WATCH | Cyril Ramaphosa calls unsuspecting voters on the phone

08 May 2019 - 15:24 By QAANITAH HUNTER
President Cyril Ramaphosa casts his vote on Wednesday.
President Cyril Ramaphosa casts his vote on Wednesday.
Image: Alistair Russell

"Whisper to me who you voted for, I wont tell any one," President Cyril Ramaphosa joked during telephonic conversations he had with voters at the ANC's voter call centre in Centurion on Wednesday afternoon.

After casting his ballot in Soweto, Ramaphosa went to the call centre where he personally called people to inquire whether they had voted.

"This is Cyril Ramaphosa calling you…You know that today is the day to vote," Ramaphosa said to Ntombifuthi who said she had just voted for the ANC.

Ramaphosa asked her to "whisper" to him who she had voted for.

"You voted for me? Oh, thank you. Thank you," he said.

Ramaphosa had a long conversation with another woman who refused to tell him who she had voted for.

"She said she voted but she wouldn't tell me who she voted for," he said after the call.

Other calls the president tried to make went straight to voicemail while a few numbers he tried to call did not exist.

"As long as you voted for the ANC I am grateful," Ramaphosa said to another person.

One person cut the call after Ramaphosa introduced himself.

Ramaphosa also did an Instagram Live video with DJ Tira who told him he was on his way to Durban to vote.

President Cyril Ramaphosa voted in the 2019 elections and spoke with the media regarding the ANC’s mandate after the elections on May 8 2019.

Earlier, after voting, Ramaphosa said he was concerned about sporadic protests across the country.

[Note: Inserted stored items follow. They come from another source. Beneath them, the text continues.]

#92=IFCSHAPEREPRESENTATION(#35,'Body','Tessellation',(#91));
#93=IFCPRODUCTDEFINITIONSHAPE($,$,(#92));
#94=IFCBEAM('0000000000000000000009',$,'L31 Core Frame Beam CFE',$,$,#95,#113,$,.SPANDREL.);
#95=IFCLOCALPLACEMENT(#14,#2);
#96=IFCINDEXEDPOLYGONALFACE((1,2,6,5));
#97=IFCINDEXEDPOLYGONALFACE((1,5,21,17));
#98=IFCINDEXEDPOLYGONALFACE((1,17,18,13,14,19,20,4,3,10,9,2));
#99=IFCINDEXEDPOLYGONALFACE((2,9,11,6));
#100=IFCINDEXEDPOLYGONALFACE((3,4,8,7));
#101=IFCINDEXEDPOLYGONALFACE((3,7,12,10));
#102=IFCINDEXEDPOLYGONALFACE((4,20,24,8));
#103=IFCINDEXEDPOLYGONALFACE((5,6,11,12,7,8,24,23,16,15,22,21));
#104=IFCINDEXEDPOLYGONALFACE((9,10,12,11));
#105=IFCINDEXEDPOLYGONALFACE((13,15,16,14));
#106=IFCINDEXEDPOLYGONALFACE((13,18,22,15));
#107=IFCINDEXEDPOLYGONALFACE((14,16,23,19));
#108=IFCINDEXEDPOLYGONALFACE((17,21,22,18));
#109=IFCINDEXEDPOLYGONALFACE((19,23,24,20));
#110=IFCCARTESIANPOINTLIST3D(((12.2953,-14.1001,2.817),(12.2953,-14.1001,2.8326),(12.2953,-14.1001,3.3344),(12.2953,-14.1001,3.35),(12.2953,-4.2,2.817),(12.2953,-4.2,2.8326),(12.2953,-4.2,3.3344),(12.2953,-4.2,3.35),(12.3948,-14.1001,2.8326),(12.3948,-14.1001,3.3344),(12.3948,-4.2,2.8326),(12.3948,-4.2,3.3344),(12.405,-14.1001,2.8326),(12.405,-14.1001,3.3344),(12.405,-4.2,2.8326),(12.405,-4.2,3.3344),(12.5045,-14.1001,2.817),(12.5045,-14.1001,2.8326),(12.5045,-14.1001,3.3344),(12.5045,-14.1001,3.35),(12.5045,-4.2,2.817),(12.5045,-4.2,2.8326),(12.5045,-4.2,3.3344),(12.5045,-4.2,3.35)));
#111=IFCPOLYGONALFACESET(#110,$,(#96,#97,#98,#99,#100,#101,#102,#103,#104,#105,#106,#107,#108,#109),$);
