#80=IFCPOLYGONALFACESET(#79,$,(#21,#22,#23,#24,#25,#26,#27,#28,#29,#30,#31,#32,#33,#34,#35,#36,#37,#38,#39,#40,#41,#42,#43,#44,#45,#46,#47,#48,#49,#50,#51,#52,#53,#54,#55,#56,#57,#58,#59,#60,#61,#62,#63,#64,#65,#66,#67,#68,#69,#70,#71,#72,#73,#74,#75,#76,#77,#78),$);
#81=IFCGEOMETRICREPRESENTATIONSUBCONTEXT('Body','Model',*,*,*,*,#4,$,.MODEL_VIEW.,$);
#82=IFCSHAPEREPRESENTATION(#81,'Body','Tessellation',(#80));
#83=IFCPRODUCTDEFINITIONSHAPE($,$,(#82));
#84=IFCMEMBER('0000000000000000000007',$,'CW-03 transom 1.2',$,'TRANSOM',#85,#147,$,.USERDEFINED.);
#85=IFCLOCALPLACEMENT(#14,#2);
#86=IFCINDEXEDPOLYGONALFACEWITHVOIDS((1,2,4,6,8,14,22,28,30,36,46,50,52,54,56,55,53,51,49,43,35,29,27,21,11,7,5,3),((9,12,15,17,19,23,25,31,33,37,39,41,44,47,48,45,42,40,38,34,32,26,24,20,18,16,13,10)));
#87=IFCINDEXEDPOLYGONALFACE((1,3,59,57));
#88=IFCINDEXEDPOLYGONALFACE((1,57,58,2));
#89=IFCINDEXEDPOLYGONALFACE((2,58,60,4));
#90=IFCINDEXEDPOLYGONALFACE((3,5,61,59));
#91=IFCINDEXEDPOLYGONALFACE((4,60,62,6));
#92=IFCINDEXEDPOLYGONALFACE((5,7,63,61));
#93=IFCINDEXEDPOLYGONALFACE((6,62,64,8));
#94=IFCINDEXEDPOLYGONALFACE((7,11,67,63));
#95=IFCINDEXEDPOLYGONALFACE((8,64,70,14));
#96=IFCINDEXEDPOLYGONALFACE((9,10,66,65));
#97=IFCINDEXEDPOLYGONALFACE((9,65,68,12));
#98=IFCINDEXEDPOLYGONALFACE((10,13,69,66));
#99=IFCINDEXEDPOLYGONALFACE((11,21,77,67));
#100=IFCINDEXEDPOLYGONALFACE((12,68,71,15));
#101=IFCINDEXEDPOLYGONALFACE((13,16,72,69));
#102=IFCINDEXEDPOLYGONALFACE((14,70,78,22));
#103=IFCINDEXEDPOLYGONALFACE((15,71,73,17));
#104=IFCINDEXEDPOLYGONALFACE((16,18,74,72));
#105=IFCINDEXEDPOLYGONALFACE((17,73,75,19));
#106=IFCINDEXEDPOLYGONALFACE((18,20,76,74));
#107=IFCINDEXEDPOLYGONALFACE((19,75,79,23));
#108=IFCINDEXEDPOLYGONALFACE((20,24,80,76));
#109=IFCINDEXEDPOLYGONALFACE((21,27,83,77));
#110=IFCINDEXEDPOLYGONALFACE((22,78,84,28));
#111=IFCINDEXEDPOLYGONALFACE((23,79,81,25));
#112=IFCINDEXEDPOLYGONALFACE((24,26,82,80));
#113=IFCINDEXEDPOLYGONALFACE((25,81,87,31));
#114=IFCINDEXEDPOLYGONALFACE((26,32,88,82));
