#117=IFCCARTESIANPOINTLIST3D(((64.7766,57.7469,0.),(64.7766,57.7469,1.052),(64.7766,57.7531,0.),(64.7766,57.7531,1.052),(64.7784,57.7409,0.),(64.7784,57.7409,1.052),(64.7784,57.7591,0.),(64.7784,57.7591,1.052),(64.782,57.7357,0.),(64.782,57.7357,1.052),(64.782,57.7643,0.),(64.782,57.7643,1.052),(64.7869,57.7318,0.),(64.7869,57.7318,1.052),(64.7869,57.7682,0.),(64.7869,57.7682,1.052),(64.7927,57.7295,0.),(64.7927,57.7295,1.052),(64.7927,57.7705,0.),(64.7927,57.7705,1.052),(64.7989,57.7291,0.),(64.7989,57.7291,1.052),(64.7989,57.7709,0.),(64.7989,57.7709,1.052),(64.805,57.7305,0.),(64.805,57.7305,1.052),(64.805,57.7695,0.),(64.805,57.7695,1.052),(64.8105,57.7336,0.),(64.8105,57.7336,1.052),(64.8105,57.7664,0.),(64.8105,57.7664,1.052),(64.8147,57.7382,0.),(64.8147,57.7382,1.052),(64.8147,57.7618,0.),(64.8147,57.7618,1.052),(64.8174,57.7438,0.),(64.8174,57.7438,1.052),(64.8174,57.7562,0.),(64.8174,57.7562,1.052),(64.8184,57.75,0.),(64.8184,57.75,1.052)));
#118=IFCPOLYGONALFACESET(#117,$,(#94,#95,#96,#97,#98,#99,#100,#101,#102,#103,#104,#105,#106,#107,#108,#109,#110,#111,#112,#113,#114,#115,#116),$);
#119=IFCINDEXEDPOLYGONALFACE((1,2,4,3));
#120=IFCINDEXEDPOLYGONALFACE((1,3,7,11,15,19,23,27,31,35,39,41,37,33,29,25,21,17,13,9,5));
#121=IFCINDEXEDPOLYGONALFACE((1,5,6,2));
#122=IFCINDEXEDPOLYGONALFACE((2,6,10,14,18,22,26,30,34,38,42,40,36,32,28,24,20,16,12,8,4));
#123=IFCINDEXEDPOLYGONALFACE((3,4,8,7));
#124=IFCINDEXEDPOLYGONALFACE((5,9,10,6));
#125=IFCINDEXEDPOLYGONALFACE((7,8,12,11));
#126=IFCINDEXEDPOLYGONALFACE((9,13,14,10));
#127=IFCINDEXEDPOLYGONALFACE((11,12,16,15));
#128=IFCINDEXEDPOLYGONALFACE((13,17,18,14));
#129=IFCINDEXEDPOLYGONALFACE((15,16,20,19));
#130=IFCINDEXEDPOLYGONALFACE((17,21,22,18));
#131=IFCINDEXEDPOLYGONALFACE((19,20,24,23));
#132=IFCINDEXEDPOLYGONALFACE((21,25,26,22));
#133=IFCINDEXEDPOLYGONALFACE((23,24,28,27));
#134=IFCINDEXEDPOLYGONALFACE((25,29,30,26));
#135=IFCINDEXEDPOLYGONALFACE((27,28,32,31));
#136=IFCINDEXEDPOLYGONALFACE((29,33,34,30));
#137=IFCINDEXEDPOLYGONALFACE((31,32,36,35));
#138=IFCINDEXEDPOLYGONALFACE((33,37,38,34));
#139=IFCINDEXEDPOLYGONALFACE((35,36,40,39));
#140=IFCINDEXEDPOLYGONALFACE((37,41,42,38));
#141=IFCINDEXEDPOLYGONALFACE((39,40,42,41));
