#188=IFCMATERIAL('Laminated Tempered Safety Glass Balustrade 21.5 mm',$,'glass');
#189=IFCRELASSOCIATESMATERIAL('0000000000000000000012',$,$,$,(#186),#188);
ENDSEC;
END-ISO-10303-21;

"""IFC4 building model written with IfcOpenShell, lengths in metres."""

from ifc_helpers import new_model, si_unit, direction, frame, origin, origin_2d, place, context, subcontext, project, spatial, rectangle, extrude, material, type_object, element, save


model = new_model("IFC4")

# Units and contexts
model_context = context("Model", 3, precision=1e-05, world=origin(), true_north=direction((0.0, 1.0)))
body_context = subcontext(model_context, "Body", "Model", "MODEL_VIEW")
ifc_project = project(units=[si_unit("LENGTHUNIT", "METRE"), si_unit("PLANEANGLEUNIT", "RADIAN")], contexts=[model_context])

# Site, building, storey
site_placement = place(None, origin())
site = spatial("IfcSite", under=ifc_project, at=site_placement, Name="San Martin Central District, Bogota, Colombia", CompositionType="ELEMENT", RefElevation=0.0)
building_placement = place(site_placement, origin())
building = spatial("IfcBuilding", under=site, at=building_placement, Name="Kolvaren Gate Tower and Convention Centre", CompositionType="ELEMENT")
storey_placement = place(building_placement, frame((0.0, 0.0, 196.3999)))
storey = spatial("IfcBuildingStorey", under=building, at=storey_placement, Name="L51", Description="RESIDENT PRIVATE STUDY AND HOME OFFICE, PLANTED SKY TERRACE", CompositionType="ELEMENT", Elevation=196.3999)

"I am most concerned about those who are protesting. Because when you protest and say you don’t vote, you are basically saying, 'I don’t want to have a voice. I am closing my mouth and closing even the ears of those who should listen'," he said.

Ramaphosa said only when people voted could their voice be heard.

"It is only when you vote that those issues you are concerned about can actually be addressed. And I always said to our people who want to address and not vote, that is not the right way of raising your issues," he said.